Raadpleeg bij gezondheidsklachten een arts.
Hersenschudding
Commotio cerebri
Het stoten van het hoofd kan rotatiekrachten in de hersenen veroorzaken
Het stoten van het hoofd kan rotatiekrachten in de hersenen veroorzaken
Coderingen
ICD-10 S06.0
ICD-9 850
MedlinePlus 000799
eMedicine aaem/123
sports/27
standaarden
MeSH D001924
Portaal  Portaalicoon   Geneeskunde

Een hersenschudding (medisch: commotio cerebri) is een milde vorm van hersenletsel ten gevolge van mechanisch geweld, direct of indirect op de schedel inwerkend, zonder dat de hersenen zelf macroscopisch (zichtbaar) waarneembaar letsel hebben opgelopen.

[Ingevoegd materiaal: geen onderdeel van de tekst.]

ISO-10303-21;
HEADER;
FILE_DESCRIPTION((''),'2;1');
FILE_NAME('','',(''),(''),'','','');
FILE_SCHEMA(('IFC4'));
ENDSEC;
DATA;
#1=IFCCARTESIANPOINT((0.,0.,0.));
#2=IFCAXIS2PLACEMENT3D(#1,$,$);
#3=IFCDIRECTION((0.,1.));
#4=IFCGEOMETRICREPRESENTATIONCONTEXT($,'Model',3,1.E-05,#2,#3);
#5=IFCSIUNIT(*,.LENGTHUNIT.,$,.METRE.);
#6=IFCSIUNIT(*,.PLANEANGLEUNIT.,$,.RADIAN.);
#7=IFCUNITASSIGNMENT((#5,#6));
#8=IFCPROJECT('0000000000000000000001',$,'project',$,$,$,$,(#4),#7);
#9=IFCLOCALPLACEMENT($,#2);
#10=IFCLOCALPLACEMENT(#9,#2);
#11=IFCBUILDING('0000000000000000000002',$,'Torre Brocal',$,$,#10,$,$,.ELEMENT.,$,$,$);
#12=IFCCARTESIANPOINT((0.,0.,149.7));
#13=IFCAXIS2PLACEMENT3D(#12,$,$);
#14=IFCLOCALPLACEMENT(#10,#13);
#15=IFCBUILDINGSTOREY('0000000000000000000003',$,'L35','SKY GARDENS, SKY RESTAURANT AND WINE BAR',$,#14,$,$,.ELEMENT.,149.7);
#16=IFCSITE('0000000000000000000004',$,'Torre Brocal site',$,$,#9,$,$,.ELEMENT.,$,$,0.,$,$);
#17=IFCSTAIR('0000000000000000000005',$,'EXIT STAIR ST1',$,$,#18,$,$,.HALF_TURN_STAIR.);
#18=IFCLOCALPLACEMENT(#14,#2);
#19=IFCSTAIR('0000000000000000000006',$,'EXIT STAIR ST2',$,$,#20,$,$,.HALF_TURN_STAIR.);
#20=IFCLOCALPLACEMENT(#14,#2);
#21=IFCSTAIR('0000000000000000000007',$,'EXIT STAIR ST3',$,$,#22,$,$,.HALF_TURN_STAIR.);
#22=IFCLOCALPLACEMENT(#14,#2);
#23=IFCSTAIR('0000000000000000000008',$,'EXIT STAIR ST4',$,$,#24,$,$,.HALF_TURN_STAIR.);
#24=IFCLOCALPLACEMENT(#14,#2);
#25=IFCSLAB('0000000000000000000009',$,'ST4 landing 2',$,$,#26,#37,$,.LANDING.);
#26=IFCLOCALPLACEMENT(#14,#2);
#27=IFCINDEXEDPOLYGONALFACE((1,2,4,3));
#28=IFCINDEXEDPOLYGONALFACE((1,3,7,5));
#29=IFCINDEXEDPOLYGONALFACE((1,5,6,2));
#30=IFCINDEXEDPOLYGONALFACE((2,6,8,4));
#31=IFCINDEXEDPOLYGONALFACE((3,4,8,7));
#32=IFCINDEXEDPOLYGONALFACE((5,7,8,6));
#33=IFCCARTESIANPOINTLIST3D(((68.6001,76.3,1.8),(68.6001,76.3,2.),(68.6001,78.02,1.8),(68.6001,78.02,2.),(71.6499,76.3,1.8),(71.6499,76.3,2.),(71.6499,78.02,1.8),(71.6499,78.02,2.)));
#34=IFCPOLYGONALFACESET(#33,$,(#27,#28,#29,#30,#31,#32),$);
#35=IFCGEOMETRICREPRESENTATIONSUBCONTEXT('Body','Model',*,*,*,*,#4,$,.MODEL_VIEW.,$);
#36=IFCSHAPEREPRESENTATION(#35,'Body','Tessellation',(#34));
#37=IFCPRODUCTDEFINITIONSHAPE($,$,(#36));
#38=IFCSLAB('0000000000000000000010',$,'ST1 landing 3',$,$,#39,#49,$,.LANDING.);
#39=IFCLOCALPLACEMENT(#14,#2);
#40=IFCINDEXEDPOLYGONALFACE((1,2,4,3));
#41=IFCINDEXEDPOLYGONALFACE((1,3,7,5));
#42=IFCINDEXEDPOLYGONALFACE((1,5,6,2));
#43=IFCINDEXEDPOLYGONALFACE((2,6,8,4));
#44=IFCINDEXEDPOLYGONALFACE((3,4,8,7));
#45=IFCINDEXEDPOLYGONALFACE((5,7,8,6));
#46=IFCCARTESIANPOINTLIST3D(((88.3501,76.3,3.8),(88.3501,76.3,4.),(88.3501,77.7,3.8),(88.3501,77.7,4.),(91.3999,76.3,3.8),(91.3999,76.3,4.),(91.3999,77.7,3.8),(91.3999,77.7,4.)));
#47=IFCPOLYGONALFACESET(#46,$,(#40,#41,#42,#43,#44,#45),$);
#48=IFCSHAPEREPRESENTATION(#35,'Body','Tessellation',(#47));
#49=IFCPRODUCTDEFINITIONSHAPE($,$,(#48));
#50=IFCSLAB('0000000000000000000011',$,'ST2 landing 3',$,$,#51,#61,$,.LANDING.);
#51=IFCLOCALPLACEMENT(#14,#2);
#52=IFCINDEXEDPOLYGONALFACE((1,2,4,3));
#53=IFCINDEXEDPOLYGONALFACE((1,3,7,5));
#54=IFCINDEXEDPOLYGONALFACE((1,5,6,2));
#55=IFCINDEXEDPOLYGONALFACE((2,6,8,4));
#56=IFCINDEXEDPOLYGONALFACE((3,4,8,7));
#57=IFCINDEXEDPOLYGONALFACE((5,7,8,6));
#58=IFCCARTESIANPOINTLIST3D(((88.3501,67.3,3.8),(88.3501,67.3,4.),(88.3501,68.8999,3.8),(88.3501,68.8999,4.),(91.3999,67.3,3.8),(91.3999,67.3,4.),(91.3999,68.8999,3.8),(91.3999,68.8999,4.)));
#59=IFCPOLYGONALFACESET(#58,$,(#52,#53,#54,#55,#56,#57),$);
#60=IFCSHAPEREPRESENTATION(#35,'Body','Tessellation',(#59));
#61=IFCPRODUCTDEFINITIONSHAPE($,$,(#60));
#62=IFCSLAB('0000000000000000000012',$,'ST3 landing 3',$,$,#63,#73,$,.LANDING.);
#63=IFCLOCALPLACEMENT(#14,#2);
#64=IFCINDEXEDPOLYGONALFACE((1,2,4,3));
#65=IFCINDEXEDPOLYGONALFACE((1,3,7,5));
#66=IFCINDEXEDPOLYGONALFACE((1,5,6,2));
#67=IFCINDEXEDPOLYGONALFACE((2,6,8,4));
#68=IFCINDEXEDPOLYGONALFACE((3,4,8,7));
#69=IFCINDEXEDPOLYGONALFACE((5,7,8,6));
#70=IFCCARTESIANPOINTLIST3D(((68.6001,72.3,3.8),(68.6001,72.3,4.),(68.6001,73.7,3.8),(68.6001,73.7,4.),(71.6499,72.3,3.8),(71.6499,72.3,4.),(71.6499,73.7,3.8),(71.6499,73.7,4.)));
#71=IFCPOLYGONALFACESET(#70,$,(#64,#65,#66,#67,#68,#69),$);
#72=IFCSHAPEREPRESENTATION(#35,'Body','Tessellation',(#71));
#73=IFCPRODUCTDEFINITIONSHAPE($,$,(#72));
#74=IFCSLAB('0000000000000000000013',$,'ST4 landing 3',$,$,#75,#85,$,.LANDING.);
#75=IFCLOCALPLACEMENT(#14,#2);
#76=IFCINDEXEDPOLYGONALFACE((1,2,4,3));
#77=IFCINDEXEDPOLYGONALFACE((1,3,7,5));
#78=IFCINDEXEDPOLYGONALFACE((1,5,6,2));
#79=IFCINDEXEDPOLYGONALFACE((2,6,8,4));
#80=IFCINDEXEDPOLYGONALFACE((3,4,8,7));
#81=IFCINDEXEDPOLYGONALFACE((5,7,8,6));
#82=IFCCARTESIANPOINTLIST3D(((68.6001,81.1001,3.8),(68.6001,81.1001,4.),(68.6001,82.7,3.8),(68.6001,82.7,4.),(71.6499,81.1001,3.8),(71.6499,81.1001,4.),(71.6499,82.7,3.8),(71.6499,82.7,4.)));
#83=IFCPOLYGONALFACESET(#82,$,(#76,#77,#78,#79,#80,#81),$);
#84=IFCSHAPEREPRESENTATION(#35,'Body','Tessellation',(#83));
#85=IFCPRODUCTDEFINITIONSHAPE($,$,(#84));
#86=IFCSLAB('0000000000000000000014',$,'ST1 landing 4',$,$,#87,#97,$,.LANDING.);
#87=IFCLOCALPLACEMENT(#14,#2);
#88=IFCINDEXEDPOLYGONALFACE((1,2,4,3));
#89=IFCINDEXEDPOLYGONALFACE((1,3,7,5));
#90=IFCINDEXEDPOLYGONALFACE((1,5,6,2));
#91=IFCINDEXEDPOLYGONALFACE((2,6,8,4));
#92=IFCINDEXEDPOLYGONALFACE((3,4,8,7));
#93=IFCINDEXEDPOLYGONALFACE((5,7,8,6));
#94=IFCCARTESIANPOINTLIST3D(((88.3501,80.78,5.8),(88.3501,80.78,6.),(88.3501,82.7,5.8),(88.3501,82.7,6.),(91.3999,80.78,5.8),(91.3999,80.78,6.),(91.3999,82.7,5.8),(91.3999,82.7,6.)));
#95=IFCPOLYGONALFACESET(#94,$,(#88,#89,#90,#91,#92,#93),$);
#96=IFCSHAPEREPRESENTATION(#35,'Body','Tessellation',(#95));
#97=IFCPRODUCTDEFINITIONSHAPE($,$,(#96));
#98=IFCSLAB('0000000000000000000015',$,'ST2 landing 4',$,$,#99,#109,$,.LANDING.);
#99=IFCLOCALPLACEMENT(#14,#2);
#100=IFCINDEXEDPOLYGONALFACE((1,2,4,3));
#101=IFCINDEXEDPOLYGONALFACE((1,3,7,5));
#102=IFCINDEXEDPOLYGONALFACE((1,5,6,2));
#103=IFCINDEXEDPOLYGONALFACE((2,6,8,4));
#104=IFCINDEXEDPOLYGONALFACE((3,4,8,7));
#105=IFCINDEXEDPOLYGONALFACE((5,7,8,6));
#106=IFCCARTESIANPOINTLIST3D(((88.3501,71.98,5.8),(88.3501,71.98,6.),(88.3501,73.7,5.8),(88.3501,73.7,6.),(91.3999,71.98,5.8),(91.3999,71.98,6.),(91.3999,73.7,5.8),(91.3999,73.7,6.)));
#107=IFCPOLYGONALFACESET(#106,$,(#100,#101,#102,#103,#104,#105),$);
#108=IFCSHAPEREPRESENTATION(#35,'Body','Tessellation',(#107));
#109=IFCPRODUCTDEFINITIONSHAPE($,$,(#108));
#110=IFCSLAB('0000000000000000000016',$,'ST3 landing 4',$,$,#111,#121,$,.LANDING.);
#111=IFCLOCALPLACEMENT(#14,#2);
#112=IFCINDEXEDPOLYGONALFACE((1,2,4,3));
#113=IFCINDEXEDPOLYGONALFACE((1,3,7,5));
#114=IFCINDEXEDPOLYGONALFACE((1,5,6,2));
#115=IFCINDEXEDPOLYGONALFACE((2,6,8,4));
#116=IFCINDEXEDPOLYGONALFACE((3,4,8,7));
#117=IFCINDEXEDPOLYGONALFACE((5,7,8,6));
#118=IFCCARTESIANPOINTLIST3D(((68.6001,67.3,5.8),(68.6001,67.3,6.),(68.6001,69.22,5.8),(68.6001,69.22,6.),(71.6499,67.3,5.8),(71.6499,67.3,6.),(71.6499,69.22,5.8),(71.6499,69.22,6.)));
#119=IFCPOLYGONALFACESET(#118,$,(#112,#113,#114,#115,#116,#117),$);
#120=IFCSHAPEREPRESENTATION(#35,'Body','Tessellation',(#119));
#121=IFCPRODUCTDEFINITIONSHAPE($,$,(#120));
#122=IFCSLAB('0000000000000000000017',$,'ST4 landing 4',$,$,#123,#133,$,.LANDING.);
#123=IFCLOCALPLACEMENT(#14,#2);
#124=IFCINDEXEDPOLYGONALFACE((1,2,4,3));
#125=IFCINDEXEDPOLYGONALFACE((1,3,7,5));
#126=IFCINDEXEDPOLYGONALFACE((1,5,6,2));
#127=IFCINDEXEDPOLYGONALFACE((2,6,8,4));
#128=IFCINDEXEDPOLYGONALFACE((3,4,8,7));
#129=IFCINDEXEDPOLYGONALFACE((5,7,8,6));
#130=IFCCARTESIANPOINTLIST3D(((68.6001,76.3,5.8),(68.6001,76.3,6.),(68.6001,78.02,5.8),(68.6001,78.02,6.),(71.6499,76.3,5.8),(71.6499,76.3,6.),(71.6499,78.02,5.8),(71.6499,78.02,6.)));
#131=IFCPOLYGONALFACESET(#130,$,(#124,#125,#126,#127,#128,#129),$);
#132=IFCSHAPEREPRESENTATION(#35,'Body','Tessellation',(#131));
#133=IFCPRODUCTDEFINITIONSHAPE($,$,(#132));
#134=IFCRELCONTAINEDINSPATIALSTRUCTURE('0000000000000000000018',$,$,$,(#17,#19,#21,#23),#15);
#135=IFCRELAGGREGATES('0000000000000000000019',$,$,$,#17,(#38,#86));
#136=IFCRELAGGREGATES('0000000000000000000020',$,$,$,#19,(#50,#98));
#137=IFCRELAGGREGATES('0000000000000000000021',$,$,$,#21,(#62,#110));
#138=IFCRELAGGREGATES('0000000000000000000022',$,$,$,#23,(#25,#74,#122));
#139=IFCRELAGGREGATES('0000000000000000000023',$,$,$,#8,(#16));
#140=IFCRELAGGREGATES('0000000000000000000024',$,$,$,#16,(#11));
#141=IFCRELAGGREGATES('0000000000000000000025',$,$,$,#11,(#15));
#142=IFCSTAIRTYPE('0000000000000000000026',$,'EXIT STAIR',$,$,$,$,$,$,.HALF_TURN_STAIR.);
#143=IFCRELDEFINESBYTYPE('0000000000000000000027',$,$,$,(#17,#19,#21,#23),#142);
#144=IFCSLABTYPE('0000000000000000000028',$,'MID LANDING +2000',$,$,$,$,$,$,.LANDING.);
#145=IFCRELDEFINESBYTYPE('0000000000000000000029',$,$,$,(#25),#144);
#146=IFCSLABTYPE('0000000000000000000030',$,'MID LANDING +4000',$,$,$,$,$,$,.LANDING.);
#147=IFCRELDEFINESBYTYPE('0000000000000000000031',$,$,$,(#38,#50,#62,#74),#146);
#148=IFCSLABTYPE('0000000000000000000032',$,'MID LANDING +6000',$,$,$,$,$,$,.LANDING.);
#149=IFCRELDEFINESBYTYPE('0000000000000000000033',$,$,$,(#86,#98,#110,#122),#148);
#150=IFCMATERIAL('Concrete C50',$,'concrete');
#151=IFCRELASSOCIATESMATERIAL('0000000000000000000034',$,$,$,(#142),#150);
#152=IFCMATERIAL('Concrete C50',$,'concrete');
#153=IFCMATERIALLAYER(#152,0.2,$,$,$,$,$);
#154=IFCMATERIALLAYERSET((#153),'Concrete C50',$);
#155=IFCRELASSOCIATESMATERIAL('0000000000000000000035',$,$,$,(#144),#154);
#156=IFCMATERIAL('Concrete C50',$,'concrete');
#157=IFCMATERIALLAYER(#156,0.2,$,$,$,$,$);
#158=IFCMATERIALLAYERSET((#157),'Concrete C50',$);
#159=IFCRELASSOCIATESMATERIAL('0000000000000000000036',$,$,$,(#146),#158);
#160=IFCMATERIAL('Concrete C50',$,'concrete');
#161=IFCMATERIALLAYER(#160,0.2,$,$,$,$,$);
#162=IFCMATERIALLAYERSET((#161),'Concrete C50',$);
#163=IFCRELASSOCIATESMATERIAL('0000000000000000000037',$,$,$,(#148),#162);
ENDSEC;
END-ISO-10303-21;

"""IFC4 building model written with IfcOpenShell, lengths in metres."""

from ifc_helpers import new_model, si_unit, direction, frame, origin, place, context, subcontext, project, spatial, polyline, outline, extrude, material, layer, layer_set, type_object, element, aggregate, save


model = new_model("IFC4")

# Units and contexts
model_context = context("Model", 3, precision=1e-05, world=origin(), true_north=direction((0.0, 1.0)))
body_context = subcontext(model_context, "Body", "Model", "MODEL_VIEW")
ifc_project = project(units=[si_unit("LENGTHUNIT", "METRE"), si_unit("PLANEANGLEUNIT", "RADIAN")], contexts=[model_context])

# Site, building, storey
site_placement = place(None, origin())
site = spatial("IfcSite", under=ifc_project, at=site_placement, Name="Torre Brocal site", CompositionType="ELEMENT", RefElevation=0.0)
building_placement = place(site_placement, origin())
building = spatial("IfcBuilding", under=site, at=building_placement, Name="Torre Brocal", CompositionType="ELEMENT")
storey_placement = place(building_placement, frame((0.0, 0.0, 149.7)))
storey = spatial("IfcBuildingStorey", under=building, at=storey_placement, Name="L35", Description="SKY GARDENS, SKY RESTAURANT AND WINE BAR", CompositionType="ELEMENT", Elevation=149.7)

Een hersenschudding ontstaat door mechanisch geweld dat op de schedel inwerkt. Dit kan onder andere gebeuren bij auto-ongelukken, geweld tussen personen, arbeidsongevallen, aardbevingen of tijdens het sporten. In de sport zijn vooral boksen en American football berucht op vlak van hersenschuddingen.

  • Bewusteloosheid, meestal direct aansluitend aan het ongeval. Bij een hersenschudding is de bewusteloosheid per definitie kort van duur, dat wil zeggen enkele seconden tot maximaal 30 minuten.
  • Misselijkheid en braken; vaak treedt het braken spoedig na het ongeval op en in het algemeen hangen beide symptomen samen. Misselijkheid en braken zijn echter weinig specifieke symptomen.
  • Geheugenverlies (amnesie); na weer bij bewustzijn te zijn gekomen bestaat bij het slachtoffer een geheugenverlies, dat drie aspecten kan hebben: het zich niet meer herinneren van het ongeval (amnesie voor het gebeurde), het zich niet meer kunnen herinneren van gebeurtenissen in de aanloop naar het ongeval (retrograde amnesie) en het zich niet meer kunnen herinneren van gebeurtenissen ná het ongeval (anterograde amnesie). De amnesie is bij een hersenschudding meestal kort van duur en vaak afwezig, en duurt per definitie niet langer dan 24 uur. De geheugenstoornissen zijn er het gevolg van dat herinneringen uit het werkgeheugen als gevolg van de hersenschudding niet in het vaste geheugen zijn opgeslagen. De herinneringen komen na herstel van de hersenschudding dus ook niet meer terug.
  • Eventuele neurologische uitvalsverschijnselen zijn doorgaans licht en subjectief (niet-meetbaar) van aard, zoals wazig zien en duizeligheid.
  • Bij eventueel pathologisch onderzoek worden geen afwijkingen gevonden.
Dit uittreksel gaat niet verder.